When she was 6 and he was 4, their grandparents taught them “The Great Speckled Bird,” and their musical relationship was forged, although it would be decades before it occurred to him that it was possible to bring Bobbie into his professional life.

In the joint memoir, Willie Nelson recalled how his creative renaissance in the early 1970s coincided with his bringing Bobbie into his band.

Legendary producer Jerry Wexler had brought him over from an unsatisfying stint at another label to Atlantic Records, where he was about to begin recording the series of classic “outlaw”-era albums that defined him. When Wexler told him he could use whoever he wanted as studio musicians, “I immediately thought of Bobbie.
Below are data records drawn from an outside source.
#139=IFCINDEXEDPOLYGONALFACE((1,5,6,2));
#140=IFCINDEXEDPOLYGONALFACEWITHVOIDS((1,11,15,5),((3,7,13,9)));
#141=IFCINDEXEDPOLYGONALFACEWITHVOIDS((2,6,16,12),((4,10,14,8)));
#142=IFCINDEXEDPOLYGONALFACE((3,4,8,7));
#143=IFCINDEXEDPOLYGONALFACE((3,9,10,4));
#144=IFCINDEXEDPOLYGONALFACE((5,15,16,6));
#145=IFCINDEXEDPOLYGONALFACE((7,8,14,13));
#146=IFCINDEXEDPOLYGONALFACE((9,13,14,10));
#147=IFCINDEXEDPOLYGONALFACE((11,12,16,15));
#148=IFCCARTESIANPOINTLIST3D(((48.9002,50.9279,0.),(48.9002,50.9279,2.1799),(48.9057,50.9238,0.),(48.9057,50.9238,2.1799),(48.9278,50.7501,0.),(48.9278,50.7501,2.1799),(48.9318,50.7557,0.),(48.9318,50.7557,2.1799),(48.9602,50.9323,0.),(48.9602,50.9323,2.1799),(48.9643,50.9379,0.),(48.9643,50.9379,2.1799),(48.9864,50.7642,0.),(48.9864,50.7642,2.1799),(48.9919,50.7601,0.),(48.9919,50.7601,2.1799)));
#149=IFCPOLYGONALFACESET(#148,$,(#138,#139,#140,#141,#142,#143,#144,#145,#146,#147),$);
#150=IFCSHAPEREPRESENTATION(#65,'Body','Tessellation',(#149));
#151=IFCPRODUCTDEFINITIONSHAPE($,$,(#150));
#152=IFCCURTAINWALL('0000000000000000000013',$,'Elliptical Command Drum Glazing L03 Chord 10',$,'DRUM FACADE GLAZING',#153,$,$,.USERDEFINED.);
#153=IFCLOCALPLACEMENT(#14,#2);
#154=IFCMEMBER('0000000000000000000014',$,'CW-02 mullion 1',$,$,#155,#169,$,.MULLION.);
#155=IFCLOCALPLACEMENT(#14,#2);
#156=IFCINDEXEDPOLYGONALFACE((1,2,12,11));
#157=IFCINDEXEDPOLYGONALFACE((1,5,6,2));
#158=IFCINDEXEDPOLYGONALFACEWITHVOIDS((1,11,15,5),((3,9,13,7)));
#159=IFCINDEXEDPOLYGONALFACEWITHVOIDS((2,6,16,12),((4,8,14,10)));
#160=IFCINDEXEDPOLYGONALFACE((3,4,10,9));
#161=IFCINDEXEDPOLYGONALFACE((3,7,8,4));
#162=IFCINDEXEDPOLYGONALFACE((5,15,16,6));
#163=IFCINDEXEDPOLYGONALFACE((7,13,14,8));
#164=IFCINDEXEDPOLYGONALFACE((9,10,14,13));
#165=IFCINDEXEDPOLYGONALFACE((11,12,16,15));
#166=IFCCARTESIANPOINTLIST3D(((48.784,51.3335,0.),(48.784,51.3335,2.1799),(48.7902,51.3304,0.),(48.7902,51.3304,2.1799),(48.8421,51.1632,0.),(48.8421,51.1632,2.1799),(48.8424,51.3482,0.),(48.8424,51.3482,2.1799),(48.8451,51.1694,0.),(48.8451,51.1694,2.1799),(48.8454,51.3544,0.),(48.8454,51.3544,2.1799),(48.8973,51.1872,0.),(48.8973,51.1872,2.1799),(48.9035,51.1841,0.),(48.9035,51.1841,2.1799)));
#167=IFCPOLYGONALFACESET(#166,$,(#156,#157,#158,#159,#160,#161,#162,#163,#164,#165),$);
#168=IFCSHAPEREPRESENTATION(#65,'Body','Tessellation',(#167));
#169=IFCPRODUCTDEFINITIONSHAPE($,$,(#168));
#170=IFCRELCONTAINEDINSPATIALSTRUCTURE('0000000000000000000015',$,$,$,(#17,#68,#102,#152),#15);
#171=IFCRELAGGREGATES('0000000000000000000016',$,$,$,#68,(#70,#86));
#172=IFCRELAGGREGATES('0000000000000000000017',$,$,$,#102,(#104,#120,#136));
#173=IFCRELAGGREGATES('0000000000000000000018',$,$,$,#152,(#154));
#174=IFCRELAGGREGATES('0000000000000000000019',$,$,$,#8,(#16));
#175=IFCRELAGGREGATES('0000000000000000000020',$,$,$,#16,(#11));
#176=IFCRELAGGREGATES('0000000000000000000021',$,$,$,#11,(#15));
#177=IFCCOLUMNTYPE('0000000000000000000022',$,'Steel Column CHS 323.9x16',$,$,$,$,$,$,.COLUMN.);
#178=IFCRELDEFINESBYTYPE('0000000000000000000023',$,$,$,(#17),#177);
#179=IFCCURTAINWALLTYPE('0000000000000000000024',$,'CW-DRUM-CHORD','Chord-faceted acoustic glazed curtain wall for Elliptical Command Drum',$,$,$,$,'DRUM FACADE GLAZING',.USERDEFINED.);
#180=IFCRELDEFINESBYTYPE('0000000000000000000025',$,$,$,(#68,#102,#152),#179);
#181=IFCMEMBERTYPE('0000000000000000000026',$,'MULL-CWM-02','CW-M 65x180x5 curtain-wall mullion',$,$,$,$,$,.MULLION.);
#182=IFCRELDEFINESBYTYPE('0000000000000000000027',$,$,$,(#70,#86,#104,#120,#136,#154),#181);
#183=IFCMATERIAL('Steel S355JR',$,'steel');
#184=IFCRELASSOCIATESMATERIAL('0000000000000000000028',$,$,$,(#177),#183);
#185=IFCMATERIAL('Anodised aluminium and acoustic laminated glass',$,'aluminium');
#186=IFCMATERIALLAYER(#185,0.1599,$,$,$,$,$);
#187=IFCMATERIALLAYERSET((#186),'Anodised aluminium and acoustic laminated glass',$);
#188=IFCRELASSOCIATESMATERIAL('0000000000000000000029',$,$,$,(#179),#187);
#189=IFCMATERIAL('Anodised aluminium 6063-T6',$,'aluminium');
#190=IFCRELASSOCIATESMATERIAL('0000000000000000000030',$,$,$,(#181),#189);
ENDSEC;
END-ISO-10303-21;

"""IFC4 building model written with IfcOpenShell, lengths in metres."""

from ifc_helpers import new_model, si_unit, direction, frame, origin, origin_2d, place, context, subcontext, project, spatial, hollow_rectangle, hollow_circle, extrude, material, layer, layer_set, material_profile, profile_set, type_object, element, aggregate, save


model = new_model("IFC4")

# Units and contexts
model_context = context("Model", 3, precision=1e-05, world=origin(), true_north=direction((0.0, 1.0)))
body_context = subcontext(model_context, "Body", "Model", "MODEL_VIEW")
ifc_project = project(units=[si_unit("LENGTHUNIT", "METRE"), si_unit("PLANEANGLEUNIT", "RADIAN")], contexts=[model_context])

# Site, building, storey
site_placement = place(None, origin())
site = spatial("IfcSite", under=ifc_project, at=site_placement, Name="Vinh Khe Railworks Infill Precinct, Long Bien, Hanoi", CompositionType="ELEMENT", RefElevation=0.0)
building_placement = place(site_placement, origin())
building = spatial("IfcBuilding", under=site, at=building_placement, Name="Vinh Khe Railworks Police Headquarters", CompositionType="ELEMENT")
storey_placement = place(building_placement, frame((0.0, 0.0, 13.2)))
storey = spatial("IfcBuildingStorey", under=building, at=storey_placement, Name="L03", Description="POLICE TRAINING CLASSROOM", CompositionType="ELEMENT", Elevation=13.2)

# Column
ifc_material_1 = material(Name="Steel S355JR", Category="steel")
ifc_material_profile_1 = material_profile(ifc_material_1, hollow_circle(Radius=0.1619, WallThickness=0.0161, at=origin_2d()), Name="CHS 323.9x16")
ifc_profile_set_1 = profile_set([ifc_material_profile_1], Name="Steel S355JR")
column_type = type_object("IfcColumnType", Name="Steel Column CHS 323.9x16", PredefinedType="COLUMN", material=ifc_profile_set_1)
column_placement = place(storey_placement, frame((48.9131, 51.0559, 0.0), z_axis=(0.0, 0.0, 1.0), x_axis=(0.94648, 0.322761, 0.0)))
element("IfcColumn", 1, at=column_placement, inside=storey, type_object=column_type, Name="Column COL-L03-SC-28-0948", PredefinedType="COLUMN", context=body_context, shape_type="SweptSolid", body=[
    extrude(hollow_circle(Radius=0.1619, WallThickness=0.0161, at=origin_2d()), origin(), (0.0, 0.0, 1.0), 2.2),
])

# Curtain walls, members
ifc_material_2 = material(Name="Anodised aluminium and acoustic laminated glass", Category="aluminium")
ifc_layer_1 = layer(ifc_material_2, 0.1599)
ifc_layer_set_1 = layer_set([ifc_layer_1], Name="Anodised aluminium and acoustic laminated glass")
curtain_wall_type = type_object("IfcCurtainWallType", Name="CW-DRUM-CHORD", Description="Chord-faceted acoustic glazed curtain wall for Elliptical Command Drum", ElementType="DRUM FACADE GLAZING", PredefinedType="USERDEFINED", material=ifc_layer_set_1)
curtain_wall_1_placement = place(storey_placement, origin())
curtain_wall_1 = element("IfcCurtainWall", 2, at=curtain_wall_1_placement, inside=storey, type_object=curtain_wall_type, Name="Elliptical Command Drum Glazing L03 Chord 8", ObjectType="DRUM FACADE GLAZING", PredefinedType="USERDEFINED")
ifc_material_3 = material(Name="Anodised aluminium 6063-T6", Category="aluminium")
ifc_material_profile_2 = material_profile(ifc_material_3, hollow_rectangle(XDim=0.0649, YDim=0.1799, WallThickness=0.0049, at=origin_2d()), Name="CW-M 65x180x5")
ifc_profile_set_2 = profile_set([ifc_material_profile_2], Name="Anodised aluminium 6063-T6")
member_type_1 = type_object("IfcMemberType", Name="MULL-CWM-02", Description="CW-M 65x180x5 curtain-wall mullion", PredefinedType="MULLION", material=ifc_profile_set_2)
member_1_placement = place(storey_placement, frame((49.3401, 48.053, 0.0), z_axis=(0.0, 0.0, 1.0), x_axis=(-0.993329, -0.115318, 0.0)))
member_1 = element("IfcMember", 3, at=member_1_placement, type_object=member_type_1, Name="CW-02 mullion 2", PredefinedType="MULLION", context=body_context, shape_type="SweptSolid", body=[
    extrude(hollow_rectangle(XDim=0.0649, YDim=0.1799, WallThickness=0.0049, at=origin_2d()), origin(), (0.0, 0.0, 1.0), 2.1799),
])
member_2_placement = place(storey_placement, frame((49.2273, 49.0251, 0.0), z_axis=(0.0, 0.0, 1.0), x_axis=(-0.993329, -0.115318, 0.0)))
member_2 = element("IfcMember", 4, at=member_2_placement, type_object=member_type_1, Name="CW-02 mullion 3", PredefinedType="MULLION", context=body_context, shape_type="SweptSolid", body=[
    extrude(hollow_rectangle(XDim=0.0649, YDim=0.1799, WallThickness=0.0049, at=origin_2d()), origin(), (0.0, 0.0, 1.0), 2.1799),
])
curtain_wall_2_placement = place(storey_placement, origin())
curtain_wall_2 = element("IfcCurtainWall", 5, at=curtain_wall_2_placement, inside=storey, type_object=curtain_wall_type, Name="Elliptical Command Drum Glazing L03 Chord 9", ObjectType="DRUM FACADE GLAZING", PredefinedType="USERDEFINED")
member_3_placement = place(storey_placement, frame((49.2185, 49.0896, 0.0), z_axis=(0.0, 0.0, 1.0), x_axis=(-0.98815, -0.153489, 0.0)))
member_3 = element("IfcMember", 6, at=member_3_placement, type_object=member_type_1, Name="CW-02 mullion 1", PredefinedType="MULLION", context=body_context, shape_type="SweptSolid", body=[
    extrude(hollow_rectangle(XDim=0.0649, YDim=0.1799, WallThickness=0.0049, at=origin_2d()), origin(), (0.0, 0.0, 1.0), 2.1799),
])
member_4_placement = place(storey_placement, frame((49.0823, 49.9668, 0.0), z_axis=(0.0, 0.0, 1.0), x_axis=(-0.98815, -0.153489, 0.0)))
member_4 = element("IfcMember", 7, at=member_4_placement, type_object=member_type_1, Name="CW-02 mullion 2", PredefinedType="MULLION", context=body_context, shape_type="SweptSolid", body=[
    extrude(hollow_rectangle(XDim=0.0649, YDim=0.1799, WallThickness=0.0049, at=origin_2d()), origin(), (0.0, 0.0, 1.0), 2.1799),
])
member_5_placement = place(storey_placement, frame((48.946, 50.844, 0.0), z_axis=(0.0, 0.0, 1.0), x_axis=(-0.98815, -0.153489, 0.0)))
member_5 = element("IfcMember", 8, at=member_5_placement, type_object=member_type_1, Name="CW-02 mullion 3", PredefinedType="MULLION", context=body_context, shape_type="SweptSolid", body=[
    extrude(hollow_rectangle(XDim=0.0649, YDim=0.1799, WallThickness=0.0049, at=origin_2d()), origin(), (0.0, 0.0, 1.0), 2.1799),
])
She was the main spark I’d been missing.”

At 42, Bobbie had never been in a record studio before or been on a plane, but both those things changed in a hurry when he convinced her in 1973 to come work on the first album he was cutting for Atlantic, a gospel album called “The Troublemaker,” then “Shotgun Willie.”

“The Atlantic Records experience put me on a new course. Most important, it brought me back together with Bobbie,” he said. “When the sessions in New York were over I made it plain. ‘Sister,’ I said, ‘you’re now a member of the band.’”

In 2017, Bobbie Nelson released her first and only solo album, “Audiobiography,” an album of piano instrumentals. But even without going out on her own, she was familiar to her brother’s fans from getting a showcase number of her own on tour each night, and from duo projects they did, along with just piano playing that was nearly as recognizable as her brother’s licks with his signature guitar.